The tunnel was dimly lit by an azure blue haze. But even with the low light, it was clear that the miners were more than a few years older than the trio themselves and that each of them was built just as tall and muscular as Balint or Aramir. Scrubbed clean of the dirt and aeonite dust, and given warrior leathers and furs in place of their threadbare shifts, and the dozen youths would have looked more like they belonged to a warrior sun rank than Sune or Eliah ever would – and they knew it too.

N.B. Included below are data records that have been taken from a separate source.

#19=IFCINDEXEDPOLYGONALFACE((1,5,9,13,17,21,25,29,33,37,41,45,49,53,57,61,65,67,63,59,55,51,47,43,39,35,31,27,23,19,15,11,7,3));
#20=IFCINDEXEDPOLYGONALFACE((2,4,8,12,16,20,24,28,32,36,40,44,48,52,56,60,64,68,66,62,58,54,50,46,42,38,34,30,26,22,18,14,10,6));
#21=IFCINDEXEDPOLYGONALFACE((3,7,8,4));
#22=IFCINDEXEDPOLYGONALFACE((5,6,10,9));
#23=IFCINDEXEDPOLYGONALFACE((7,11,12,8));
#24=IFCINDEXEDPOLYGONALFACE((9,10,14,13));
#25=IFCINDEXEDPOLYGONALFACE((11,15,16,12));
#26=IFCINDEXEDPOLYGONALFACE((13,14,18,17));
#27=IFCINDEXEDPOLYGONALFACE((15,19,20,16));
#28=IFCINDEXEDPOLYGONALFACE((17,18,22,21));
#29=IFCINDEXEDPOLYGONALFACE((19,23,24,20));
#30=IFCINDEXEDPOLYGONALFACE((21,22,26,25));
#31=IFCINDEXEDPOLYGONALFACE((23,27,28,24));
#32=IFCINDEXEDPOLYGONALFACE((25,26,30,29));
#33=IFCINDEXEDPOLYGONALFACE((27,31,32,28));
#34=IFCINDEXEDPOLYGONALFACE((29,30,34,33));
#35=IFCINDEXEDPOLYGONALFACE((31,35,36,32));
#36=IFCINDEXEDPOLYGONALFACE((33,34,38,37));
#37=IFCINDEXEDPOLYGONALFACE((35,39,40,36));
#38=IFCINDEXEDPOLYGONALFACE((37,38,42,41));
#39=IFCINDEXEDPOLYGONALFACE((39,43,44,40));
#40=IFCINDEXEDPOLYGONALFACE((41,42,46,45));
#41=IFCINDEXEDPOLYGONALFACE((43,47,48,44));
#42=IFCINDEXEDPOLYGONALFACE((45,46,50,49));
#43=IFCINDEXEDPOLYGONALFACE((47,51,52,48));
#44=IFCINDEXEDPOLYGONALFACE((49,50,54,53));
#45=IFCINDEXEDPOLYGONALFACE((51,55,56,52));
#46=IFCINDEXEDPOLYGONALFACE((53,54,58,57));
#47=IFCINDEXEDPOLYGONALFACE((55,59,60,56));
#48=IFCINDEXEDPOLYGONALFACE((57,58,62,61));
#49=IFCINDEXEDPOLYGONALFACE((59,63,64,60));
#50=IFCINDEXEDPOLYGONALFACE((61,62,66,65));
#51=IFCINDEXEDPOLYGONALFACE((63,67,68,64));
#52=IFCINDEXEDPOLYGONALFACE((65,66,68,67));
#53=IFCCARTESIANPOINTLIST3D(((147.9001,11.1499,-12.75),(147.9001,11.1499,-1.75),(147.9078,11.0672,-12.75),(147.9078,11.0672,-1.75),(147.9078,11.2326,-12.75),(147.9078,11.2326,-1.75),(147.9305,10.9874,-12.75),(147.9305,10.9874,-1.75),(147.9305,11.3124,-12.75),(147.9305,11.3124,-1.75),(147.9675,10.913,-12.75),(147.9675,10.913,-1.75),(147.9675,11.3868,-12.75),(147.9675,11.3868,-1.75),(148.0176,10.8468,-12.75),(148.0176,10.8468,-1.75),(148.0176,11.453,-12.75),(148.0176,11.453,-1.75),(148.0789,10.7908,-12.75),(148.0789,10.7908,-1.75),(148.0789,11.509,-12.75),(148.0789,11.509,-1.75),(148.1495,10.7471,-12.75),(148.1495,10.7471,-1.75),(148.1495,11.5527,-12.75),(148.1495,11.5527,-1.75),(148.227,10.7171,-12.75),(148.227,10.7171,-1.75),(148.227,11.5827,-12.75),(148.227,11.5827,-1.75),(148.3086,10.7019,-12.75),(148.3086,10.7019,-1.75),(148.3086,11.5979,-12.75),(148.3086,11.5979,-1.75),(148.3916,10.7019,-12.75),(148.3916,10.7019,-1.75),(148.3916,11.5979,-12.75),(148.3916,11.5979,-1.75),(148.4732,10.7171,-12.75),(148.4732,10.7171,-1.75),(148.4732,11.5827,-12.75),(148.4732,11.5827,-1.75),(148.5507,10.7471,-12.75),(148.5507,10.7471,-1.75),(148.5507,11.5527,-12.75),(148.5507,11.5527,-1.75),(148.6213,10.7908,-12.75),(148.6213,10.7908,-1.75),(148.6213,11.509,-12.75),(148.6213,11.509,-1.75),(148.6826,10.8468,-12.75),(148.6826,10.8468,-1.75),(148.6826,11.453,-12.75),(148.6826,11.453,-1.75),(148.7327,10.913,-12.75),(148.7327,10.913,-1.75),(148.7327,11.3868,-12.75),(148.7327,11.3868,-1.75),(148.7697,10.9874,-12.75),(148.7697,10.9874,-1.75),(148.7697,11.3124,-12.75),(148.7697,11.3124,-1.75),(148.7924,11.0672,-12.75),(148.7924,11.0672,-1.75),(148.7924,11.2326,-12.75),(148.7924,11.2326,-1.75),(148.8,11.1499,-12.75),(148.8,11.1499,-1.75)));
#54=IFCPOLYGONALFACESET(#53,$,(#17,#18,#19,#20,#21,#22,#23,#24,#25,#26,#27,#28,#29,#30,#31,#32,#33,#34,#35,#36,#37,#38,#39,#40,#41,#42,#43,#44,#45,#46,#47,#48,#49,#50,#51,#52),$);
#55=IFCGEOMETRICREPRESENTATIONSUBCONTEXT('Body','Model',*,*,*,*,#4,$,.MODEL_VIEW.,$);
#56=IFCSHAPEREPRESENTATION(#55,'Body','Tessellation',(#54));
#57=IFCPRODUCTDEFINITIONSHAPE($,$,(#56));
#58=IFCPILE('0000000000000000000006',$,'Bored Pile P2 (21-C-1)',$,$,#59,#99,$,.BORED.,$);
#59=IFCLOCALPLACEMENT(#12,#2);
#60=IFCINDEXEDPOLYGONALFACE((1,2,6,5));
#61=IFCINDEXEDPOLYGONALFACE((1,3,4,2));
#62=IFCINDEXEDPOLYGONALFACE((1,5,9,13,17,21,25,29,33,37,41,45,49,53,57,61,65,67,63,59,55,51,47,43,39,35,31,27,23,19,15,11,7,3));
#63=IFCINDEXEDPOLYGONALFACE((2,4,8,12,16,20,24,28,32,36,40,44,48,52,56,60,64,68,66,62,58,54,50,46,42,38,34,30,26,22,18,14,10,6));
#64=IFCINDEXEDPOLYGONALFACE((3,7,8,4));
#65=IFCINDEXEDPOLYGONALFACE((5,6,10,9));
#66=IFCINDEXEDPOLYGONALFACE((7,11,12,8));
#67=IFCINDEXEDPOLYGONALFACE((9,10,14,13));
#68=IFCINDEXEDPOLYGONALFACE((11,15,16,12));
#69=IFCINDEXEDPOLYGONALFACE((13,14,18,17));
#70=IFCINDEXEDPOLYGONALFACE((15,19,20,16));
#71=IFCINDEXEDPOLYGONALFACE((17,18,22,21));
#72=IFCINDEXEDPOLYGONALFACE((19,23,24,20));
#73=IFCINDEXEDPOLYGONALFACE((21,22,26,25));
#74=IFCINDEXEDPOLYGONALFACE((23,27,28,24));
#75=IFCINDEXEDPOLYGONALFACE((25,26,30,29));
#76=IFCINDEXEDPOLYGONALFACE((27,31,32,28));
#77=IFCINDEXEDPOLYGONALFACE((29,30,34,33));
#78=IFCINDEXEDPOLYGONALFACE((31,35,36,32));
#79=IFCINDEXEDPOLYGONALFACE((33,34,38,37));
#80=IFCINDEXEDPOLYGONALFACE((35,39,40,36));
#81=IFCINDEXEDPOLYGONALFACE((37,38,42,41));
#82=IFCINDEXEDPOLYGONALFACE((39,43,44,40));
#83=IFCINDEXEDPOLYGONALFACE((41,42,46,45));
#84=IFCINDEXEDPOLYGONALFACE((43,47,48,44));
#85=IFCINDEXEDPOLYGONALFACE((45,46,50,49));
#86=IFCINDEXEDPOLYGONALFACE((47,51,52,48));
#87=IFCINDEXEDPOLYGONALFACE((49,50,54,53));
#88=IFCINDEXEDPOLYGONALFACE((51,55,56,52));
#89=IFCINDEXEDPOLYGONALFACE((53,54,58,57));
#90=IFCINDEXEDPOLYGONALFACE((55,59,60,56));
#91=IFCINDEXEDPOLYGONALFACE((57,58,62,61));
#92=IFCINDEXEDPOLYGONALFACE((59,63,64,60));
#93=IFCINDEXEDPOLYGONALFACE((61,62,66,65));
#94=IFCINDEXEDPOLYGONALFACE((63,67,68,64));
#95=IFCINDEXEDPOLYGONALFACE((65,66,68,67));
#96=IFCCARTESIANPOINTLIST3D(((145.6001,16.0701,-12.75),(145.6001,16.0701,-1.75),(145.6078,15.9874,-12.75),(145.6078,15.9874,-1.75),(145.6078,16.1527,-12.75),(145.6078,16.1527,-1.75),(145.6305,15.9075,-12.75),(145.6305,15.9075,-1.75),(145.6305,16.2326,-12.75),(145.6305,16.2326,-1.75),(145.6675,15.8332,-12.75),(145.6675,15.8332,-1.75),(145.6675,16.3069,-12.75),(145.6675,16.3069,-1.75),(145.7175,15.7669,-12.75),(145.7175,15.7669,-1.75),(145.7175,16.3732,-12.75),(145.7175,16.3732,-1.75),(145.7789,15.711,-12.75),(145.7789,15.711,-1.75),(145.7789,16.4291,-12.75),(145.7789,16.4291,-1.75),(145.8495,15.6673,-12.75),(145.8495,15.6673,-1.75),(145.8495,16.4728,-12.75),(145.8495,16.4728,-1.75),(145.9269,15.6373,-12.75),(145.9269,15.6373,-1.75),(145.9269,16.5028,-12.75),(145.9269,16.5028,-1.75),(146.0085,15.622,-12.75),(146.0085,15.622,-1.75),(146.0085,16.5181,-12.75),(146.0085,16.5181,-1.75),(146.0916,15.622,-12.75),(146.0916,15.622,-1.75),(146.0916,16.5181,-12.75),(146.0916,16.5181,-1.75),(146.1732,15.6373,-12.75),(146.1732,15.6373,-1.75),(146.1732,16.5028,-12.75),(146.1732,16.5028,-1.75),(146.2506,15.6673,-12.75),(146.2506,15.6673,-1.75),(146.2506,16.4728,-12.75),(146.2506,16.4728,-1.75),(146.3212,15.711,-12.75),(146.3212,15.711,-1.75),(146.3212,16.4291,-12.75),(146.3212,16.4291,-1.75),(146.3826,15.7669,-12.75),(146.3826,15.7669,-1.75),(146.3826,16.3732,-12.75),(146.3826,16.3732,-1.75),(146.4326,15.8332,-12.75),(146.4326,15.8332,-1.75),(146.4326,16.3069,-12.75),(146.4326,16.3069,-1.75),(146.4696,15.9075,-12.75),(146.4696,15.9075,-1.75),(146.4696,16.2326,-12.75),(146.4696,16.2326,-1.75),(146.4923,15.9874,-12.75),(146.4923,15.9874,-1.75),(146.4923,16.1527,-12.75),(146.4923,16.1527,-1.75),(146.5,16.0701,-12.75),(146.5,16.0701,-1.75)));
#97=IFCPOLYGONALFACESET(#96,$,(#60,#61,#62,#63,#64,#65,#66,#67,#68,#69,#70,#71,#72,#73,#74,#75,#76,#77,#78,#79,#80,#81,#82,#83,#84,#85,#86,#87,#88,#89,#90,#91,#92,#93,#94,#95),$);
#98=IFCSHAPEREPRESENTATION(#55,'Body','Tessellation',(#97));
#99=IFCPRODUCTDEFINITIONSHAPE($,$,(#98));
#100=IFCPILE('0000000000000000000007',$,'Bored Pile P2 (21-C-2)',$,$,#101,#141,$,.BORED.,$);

Some nodded to Sune, attitudes ranging from accepting to indifferent. But as soon as their eyes moved to Balint, their expressions hardened.

'These your warrior-trainee friends, come to save the day?' asked one, getting to his feet to meet them.

Evander Mountainschild was neither the tallest nor the strongest of his group, but the way he spoke and held himself made it clear that he had authority.

He looked Balint up and down with a scoff, and all but laughed when he noticed Eliah standing half-hidden behind him. 'Beard of the Mountainselder,' swore Evander in disbelief. He looked at Sune. 'By Seras, the tiny one's not a warrior is she? Looks like she should 'av been sent here with Rhea. Gotta be one of them menials, ain'she?'

Balint let out an angry growl, and Eliah and Sune quickly grabbed the back and sleeve of his tunic to stop him from lunging to Eliah's defence.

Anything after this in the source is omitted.